How to explore "status!=ok" request with data in "Cloud spanner Instance - API request rate" ?

Hi all,

How to explore "status!=ok" request with data in "Cloud spanner Instance - API request rate" in the metrics explorer ? and how to look into the status calls metrics content ? or it is an error ?. Please describe anything with related to this, if you are familiar with it. I have attached screen shot for reference. Thank you in advance. Apology if you find this question as silly question, I am new to GCP. 

Screen Shot 2024-03-26 at 5.30.39 PM.png

0 2 72
2 REPLIES 2

When you encounter non-OK requests in Cloud Spanner, it indicates potential issues or errors with your interactions. Here's how to isolate and investigate these requests using Google Cloud's Metrics Explorer and Logs Explorer.

Steps to Investigate

Metrics Explorer:

  1. Navigate to Google Cloud Monitoring -> Metrics Explorer (Metrics Explorer).

  2. Select Resource Type: "Cloud Spanner Instance".

  3. Select Metric: "API request rate".

  4. Filter: Add a filter for status != "OK" to isolate non-successful requests.

Analyze Requests:

  • The graph will visualize non-successful requests. For easier trend analysis, switch the visualization to "Line".

  • Pay special attention to periods where the rate of non-OK requests spikes or is unusually high.

Error Details:

  • Hover: Move your cursor over data points on the chart to see details about error types and timestamps.

  • Logs Explorer: Use the timestamps identified in Metrics Explorer to dive deeper into Logs Explorer (Logs Explorer).

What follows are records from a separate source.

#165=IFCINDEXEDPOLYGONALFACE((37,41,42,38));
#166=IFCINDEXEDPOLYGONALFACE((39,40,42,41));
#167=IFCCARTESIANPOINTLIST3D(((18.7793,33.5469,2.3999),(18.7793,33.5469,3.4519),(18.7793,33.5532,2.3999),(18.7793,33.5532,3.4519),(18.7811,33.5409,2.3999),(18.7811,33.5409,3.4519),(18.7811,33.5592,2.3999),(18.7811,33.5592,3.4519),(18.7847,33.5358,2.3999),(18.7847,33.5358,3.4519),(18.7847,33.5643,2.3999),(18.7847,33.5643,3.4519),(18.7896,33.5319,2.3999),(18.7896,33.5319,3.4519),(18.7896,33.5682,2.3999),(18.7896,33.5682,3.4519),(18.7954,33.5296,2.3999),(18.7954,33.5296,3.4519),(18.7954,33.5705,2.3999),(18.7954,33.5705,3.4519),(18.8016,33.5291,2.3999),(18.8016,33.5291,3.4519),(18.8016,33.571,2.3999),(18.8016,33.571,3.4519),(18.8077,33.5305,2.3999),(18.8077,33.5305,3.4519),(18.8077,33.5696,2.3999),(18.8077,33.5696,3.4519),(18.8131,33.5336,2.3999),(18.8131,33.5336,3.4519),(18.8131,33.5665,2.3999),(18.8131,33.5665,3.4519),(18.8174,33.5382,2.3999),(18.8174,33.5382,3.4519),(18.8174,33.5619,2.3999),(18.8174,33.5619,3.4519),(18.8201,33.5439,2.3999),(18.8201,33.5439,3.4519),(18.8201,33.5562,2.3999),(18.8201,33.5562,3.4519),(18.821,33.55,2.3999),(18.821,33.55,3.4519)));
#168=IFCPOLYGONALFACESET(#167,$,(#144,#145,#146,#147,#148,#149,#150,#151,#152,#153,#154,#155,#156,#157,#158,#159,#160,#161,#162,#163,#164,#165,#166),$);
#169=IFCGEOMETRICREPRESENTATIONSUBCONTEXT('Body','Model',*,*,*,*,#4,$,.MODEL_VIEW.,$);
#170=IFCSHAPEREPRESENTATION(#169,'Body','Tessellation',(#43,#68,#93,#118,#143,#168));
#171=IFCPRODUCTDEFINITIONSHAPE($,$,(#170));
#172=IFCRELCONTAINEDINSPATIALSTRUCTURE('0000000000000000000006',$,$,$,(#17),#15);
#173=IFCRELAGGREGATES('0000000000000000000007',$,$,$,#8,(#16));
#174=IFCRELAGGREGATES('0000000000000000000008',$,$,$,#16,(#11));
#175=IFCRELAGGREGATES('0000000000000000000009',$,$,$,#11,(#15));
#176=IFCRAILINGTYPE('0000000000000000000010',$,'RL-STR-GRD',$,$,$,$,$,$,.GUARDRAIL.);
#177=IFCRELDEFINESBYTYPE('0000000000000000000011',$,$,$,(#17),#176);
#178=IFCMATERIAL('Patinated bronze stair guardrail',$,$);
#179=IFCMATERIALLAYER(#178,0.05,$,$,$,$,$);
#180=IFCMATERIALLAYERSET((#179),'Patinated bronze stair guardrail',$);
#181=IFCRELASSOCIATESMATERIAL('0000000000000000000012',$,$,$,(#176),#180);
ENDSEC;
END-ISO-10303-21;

Here, you can find specific error messages and stack traces to understand the root causes.

Common Scenarios for Non-OK Requests

  • Incorrect Permissions: Verify that your client/application has the necessary permissions for the operations it's attempting.

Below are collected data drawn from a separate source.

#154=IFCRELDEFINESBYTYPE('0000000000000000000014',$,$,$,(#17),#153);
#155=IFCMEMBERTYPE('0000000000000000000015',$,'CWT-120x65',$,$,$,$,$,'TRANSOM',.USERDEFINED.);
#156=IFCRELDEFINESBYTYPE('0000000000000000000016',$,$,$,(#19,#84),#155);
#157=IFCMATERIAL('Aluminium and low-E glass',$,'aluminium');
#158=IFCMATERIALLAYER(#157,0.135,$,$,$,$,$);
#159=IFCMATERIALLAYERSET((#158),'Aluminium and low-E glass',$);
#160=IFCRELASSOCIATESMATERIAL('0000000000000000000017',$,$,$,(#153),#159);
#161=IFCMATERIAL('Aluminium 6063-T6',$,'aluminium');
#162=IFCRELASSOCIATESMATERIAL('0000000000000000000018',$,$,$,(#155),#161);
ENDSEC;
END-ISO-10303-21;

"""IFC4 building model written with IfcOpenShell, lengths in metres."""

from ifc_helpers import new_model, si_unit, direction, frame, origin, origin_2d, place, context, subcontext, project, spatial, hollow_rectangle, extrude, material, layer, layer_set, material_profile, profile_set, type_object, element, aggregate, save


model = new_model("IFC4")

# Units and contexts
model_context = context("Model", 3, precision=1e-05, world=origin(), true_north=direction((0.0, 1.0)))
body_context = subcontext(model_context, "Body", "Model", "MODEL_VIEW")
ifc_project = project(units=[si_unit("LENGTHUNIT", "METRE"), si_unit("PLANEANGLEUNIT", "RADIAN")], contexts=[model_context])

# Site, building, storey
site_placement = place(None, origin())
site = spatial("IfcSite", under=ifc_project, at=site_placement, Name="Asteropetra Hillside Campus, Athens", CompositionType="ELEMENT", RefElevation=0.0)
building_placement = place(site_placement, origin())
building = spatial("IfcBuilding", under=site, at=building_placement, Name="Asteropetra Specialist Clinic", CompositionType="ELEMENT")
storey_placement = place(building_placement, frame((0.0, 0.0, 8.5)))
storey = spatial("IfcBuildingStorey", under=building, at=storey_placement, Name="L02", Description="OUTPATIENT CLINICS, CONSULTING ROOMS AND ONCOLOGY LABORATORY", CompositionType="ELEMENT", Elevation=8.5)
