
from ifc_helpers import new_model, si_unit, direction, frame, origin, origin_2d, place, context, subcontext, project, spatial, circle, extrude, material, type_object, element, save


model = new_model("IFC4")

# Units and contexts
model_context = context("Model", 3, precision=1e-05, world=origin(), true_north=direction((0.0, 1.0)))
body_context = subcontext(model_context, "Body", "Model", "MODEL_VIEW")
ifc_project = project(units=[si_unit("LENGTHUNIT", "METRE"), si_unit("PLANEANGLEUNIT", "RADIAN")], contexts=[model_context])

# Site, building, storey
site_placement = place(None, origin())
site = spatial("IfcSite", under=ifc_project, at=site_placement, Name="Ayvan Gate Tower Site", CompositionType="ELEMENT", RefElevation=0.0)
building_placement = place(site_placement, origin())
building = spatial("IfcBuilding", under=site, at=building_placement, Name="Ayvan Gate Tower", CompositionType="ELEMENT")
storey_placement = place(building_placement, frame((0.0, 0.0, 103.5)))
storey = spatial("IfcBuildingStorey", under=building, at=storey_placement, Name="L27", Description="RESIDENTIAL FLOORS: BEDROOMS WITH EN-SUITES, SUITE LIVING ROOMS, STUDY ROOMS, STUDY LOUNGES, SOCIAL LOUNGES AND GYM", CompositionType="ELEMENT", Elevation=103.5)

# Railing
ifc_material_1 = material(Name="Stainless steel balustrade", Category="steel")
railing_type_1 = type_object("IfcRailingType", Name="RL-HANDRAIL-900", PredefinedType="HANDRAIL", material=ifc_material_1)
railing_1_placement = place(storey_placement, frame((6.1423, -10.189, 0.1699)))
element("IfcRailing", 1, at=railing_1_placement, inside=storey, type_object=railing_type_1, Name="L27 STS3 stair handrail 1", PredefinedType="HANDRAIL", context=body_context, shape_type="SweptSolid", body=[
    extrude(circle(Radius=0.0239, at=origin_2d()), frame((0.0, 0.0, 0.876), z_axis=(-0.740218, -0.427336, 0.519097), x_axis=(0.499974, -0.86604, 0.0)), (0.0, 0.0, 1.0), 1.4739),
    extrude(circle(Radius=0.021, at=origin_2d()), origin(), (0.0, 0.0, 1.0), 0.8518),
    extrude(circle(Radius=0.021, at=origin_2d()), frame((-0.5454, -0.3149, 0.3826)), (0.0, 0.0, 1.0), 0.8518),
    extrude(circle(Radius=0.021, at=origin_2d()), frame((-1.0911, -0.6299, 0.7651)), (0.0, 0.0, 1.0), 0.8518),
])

  • Invalid Arguments: Ensure the data and parameters provided to Spanner API calls are correct.

  • Rate Limiting/Throttling: Exceeding Spanner quotas or burst limits can result in errors.

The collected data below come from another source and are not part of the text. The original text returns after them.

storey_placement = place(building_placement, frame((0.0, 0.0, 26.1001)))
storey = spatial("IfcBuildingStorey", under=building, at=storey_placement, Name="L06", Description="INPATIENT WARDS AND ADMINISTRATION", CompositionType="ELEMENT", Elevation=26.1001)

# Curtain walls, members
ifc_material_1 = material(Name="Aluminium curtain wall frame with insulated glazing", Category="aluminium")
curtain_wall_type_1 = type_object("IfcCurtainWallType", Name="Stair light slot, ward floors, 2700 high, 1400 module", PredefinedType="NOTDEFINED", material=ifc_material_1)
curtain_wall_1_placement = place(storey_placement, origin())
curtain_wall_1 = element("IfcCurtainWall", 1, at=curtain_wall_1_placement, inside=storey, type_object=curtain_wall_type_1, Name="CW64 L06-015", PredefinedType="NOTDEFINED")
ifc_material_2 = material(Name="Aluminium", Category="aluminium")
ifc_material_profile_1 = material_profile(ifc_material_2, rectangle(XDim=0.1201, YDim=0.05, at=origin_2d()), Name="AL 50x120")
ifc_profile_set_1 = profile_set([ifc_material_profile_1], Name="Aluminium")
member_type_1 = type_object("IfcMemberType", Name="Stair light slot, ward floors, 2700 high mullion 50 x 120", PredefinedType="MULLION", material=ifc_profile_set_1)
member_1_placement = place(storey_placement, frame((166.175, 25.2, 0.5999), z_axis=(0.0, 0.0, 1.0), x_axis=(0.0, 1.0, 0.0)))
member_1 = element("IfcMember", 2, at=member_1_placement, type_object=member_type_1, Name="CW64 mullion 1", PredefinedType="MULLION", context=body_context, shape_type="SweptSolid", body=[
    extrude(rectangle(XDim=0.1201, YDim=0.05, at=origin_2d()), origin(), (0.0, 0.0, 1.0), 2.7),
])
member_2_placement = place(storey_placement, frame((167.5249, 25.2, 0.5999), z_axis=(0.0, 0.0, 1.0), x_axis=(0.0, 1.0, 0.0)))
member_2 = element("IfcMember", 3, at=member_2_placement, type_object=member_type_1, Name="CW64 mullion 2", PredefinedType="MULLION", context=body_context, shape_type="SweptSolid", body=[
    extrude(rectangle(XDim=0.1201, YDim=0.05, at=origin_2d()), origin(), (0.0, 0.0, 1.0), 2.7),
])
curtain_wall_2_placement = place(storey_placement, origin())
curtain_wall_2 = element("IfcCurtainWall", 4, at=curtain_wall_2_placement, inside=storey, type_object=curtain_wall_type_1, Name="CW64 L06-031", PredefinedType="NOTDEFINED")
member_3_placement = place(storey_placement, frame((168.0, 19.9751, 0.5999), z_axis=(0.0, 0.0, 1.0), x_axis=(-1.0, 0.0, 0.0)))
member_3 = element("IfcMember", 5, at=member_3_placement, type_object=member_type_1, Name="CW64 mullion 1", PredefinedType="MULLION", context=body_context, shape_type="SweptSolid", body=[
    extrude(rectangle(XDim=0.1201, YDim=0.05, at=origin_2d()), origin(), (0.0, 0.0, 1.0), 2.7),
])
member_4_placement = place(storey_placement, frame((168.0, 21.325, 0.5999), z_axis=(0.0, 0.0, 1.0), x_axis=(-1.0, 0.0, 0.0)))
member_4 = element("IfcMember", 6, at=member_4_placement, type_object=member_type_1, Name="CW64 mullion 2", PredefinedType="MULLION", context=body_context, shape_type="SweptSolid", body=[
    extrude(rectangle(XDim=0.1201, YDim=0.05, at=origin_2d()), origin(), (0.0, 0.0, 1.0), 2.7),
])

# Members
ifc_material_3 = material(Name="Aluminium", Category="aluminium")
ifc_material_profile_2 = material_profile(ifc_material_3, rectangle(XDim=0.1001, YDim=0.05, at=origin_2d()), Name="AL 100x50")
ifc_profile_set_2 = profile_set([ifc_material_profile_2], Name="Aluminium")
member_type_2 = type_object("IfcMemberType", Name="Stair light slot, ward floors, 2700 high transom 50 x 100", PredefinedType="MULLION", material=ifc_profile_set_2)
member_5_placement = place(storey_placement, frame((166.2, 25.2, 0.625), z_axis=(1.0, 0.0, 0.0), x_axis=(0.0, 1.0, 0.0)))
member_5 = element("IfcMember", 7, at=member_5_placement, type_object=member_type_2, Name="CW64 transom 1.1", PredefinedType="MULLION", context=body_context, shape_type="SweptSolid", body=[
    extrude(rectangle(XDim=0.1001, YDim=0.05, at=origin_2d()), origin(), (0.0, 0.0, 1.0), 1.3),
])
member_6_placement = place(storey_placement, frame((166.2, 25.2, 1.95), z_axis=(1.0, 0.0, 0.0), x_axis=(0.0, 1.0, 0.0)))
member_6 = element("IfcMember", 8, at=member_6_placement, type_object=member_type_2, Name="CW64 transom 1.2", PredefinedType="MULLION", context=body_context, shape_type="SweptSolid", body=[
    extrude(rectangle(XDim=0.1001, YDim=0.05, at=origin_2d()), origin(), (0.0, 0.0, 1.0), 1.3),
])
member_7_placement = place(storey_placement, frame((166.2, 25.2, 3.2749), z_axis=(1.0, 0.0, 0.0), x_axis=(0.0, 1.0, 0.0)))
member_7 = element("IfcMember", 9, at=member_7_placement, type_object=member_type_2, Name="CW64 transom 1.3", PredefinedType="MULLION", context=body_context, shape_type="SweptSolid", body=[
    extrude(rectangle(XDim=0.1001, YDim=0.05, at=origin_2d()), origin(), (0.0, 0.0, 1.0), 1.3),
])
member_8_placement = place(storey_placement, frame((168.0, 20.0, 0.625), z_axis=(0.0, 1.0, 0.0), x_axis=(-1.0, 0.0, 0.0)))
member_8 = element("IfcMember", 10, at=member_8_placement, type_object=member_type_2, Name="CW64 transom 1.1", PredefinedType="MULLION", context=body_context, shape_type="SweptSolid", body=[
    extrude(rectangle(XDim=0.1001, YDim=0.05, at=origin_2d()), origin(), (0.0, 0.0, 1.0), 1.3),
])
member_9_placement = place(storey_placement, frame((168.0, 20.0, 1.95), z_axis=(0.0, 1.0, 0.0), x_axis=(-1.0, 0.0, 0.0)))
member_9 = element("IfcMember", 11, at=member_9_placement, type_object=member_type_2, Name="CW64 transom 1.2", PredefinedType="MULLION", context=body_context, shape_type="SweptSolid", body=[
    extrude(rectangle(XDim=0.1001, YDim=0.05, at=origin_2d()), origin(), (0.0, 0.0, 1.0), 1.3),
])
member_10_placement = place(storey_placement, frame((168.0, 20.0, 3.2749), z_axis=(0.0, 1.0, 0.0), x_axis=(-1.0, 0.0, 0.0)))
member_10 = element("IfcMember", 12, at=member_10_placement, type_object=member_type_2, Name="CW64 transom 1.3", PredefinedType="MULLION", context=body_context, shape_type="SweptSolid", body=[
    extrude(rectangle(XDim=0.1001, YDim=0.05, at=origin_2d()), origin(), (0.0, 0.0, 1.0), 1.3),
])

  • Timeouts: Client timeout settings or network latency issues can lead to requests timing out.

  • Internal Spanner Errors: While rare, transient errors on Spanner's side can occur.

Important Notes

  • Time Ranges: Adjust the time range in Metrics Explorer to focus on specific periods of interest or known problem occurrences.

  • Granularity: If needed, change the aggregation in Metrics Explorer for a more detailed analysis.

Additional Considerations

  • Consult Documentation: For specific error codes or behaviors, the Google Cloud Spanner documentation can offer valuable insights and troubleshooting steps.

  • Monitoring and Alerting: Setting up proactive monitoring and alerting for high rates of non-OK requests can help identify and mitigate issues early.

  • Performance Optimization: Non-OK statuses may sometimes be linked to performance issues. Utilizing Cloud Spanner's query execution statistics and optimization recommendations can improve overall performance.

Thank you @ms4446 for the knowledge. I will try to get the invalid_argument requests using the Log Explorer.